Фостер был моим человеком, и спустя тридцать пять минут мой человек появился.
Глава 15
Я сидел у окна в гостиной, зорко поглядывая из-за занавески на место парковки машин. Ровно в 11.35 на нее зарулил красный «субару», из которого вышел ничего не подозревающий Фостер и направился к подъезду, беззаботно вертя на пальце брелок с ключами.
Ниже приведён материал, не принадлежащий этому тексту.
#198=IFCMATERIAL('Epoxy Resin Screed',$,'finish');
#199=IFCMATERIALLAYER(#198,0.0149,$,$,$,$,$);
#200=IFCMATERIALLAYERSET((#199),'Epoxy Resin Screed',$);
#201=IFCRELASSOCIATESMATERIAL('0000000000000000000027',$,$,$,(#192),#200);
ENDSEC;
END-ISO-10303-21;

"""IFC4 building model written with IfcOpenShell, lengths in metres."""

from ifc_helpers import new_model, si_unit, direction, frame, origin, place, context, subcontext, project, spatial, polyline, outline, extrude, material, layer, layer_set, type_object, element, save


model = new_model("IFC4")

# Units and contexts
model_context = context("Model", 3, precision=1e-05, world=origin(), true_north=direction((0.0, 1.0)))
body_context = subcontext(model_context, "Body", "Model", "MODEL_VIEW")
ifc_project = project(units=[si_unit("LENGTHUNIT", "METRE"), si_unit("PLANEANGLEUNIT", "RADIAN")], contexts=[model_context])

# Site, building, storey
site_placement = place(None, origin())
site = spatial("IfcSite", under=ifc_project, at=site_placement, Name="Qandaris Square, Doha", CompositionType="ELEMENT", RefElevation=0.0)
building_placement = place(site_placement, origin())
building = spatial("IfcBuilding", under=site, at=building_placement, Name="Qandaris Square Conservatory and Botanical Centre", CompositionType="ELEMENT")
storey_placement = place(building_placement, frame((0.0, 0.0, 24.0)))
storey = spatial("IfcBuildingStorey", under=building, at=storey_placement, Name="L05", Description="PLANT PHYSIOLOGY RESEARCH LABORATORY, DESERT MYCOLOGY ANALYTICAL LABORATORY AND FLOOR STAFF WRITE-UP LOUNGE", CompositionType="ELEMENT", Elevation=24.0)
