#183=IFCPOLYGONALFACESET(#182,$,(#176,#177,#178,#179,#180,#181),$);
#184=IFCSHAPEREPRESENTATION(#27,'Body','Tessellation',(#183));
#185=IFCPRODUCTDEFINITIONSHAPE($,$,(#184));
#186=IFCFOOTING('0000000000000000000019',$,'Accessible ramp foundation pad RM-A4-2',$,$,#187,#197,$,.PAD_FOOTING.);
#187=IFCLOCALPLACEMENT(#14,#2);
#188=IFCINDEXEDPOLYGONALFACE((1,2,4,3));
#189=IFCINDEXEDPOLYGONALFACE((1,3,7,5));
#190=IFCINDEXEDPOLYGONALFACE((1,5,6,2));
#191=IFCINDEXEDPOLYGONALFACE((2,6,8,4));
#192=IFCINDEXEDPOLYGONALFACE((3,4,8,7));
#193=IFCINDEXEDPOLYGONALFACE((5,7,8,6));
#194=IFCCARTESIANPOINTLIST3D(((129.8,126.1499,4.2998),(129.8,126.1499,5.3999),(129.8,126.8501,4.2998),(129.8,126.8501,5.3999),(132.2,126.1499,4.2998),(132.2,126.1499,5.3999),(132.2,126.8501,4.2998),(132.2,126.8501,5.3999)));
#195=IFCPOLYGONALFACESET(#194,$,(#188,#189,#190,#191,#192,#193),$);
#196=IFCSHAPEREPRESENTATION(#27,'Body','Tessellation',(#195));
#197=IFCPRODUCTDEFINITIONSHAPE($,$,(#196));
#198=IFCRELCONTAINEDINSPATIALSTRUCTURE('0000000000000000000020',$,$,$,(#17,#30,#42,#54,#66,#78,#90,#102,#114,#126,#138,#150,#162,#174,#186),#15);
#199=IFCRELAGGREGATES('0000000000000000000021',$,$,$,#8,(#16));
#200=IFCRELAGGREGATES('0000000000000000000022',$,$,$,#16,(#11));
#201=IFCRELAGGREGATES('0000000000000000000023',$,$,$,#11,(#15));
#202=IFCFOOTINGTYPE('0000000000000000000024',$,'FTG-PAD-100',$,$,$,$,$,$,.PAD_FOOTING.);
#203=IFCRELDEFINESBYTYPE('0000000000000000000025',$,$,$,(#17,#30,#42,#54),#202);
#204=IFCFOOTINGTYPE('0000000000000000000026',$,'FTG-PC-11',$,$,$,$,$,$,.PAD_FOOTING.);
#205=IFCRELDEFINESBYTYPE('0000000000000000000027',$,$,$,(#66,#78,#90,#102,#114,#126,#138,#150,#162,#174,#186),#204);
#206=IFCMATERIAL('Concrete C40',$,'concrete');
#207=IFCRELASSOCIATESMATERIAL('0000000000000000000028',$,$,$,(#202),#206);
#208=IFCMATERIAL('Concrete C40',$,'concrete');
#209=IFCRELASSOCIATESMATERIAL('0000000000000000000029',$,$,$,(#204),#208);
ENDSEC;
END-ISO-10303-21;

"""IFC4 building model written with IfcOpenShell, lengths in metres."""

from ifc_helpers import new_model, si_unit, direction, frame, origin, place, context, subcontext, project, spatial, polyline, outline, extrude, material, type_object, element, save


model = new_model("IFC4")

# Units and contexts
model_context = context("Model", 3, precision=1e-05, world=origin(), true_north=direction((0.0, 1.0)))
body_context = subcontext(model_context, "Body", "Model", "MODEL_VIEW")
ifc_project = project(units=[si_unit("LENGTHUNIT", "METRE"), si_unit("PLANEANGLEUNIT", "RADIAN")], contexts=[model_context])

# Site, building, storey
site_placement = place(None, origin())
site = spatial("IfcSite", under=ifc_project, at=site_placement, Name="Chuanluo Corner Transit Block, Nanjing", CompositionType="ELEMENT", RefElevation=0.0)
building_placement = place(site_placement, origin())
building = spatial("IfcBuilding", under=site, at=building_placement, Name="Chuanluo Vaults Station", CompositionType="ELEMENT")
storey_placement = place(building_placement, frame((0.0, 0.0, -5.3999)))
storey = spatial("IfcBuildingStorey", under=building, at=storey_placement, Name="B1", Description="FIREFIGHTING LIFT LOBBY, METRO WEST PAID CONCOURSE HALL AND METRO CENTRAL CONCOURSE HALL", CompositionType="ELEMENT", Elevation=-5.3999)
На нем были слаксы персикового цвета и ярко-оранжевый свитер, надетый поверх белой рубашки.
Я затаился у стены за дверью, вытащил «смит-и-вессон», взвел курок и, затаив дыхание, подождал моего долгожданного визави.
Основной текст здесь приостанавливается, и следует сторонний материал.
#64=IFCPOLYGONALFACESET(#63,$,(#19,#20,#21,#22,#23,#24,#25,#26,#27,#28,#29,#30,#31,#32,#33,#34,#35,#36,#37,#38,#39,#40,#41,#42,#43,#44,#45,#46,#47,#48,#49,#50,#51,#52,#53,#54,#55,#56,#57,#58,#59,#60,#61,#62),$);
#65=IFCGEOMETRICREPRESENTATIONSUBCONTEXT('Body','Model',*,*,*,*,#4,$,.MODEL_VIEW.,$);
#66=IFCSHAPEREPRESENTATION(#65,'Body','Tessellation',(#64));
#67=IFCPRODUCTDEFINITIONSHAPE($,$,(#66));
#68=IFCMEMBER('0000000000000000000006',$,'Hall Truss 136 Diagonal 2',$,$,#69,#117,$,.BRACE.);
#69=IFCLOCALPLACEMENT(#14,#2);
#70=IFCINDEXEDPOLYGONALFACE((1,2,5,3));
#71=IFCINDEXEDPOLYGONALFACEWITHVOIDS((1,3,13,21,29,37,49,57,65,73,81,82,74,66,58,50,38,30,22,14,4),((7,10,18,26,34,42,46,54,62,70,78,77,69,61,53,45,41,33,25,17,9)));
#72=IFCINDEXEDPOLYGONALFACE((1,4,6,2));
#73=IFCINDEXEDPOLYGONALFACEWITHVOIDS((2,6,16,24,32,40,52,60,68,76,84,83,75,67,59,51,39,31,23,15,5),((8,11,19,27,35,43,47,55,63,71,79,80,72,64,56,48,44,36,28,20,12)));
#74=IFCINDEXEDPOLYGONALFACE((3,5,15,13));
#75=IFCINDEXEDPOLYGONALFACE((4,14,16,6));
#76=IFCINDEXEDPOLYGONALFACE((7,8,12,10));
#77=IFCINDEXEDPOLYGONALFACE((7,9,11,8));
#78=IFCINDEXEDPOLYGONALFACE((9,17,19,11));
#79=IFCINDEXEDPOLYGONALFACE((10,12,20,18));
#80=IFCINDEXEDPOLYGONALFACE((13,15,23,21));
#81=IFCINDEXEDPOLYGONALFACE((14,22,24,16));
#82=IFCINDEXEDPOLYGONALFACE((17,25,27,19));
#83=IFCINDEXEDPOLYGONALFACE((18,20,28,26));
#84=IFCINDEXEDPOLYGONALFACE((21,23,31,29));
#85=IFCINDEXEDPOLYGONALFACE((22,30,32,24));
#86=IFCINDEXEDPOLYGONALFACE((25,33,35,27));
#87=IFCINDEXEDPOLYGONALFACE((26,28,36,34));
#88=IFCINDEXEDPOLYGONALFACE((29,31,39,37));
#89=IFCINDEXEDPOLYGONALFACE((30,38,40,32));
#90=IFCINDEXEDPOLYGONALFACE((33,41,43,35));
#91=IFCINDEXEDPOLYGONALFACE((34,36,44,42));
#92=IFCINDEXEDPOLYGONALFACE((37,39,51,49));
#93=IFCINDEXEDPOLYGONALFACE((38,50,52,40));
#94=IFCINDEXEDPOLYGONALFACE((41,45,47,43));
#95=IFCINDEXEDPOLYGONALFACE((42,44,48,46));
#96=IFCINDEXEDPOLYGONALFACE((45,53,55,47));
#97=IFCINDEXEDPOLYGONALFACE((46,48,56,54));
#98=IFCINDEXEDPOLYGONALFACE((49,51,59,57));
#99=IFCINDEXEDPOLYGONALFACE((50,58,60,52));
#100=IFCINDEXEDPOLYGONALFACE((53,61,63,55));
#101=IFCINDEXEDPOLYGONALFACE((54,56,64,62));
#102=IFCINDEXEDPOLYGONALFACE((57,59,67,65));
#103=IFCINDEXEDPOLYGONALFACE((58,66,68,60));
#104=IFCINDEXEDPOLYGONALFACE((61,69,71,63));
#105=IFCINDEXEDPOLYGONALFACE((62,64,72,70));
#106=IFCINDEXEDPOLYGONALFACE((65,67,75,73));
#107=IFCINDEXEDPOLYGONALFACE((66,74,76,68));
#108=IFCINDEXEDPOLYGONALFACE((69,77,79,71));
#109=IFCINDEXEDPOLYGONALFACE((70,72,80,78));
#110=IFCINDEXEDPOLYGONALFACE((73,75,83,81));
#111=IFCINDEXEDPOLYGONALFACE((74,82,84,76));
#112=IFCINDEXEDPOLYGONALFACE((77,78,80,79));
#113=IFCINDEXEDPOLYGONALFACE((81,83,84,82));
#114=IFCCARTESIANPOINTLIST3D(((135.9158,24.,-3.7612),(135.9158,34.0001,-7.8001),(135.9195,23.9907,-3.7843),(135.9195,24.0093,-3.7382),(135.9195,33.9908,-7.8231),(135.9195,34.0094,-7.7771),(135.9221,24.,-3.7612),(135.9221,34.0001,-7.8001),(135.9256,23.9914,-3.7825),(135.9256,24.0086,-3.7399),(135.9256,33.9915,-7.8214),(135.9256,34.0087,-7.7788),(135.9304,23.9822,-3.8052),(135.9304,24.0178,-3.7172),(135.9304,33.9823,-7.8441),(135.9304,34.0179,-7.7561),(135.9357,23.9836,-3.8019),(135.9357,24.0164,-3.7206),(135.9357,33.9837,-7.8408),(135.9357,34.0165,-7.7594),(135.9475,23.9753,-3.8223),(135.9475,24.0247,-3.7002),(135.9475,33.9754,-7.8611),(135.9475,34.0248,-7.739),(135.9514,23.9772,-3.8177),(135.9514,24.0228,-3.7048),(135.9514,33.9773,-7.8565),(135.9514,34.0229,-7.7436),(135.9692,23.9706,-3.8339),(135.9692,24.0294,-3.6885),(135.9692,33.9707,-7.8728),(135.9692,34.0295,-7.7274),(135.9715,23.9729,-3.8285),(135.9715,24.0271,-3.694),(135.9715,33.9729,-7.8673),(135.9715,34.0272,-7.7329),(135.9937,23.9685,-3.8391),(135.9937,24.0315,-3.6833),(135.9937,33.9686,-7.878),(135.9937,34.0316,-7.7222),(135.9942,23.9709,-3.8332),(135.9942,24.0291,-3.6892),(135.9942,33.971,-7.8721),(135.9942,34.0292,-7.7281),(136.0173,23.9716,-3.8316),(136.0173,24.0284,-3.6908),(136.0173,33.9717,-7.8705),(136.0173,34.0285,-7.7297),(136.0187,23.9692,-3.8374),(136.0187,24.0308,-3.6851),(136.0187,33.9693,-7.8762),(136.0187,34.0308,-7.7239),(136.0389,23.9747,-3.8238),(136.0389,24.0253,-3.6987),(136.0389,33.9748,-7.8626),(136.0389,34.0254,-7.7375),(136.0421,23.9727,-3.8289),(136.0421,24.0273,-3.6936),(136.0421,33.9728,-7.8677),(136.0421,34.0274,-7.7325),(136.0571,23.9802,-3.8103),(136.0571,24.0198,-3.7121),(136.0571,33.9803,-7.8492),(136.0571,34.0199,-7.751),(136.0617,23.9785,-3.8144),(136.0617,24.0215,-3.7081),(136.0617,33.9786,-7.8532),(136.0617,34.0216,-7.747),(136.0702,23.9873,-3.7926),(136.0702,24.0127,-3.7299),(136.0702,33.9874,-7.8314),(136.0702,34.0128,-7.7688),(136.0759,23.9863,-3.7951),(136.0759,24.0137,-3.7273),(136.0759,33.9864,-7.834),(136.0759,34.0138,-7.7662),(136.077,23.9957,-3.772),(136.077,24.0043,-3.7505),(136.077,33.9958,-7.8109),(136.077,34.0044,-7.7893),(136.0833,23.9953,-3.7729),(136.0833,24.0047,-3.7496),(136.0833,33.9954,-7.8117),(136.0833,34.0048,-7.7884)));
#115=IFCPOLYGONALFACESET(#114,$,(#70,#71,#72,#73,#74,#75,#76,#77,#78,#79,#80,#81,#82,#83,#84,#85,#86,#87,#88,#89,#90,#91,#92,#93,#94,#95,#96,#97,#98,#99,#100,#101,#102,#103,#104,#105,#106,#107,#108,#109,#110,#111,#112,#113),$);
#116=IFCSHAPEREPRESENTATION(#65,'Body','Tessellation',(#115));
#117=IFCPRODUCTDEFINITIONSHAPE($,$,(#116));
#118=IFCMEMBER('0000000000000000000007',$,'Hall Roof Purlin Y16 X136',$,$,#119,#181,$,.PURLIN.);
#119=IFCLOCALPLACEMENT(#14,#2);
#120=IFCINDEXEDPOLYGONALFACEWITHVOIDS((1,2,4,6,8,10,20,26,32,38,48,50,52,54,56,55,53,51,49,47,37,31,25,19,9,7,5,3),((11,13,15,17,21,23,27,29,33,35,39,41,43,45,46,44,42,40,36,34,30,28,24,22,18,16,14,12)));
В замке повернулся ключ, дверь отворилась, и Фостер вошел в прихожую. Не оборачиваясь, пнул ногой дверь, которая покорно закрылась на защелку, сделал пару шагов и остановился, не видя и не слыша меня за своей спиной. Если бы он услышал мое затаенное дыхание, то я бы признал, что у него поразительные органы чувств. Но он просто стоял, уставившись в пол перед собой, затем принялся стягивать свитер.
Я сделал пару бесшумных шагов, занес было руку с револьвером над его головой, но передумав, решил еще раз прибегнуть к испытанному приему.
— Замри, сволочь! — гаркнул я ему на ухо.
Та же самая реакция. В четвертый раз за неполные два дня.
Эффект неожиданности был стопроцентный. Именно в такие моменты можно спокойно наложить в штаны, и я бы не очень винил его в этом. Его реакция была поразительной. Он обернулся ко мне с быстротой летящей пули, выпучил глаза, увидев неожиданно выросшего перед ним белобрысого решительного верзилу с пушкой в руке. Брови его черными гусеницами уползли наверх и запутались в курчавых волосах, рот раскрылся настолько широко, что туда, как в туннель, мог заехать локомотив.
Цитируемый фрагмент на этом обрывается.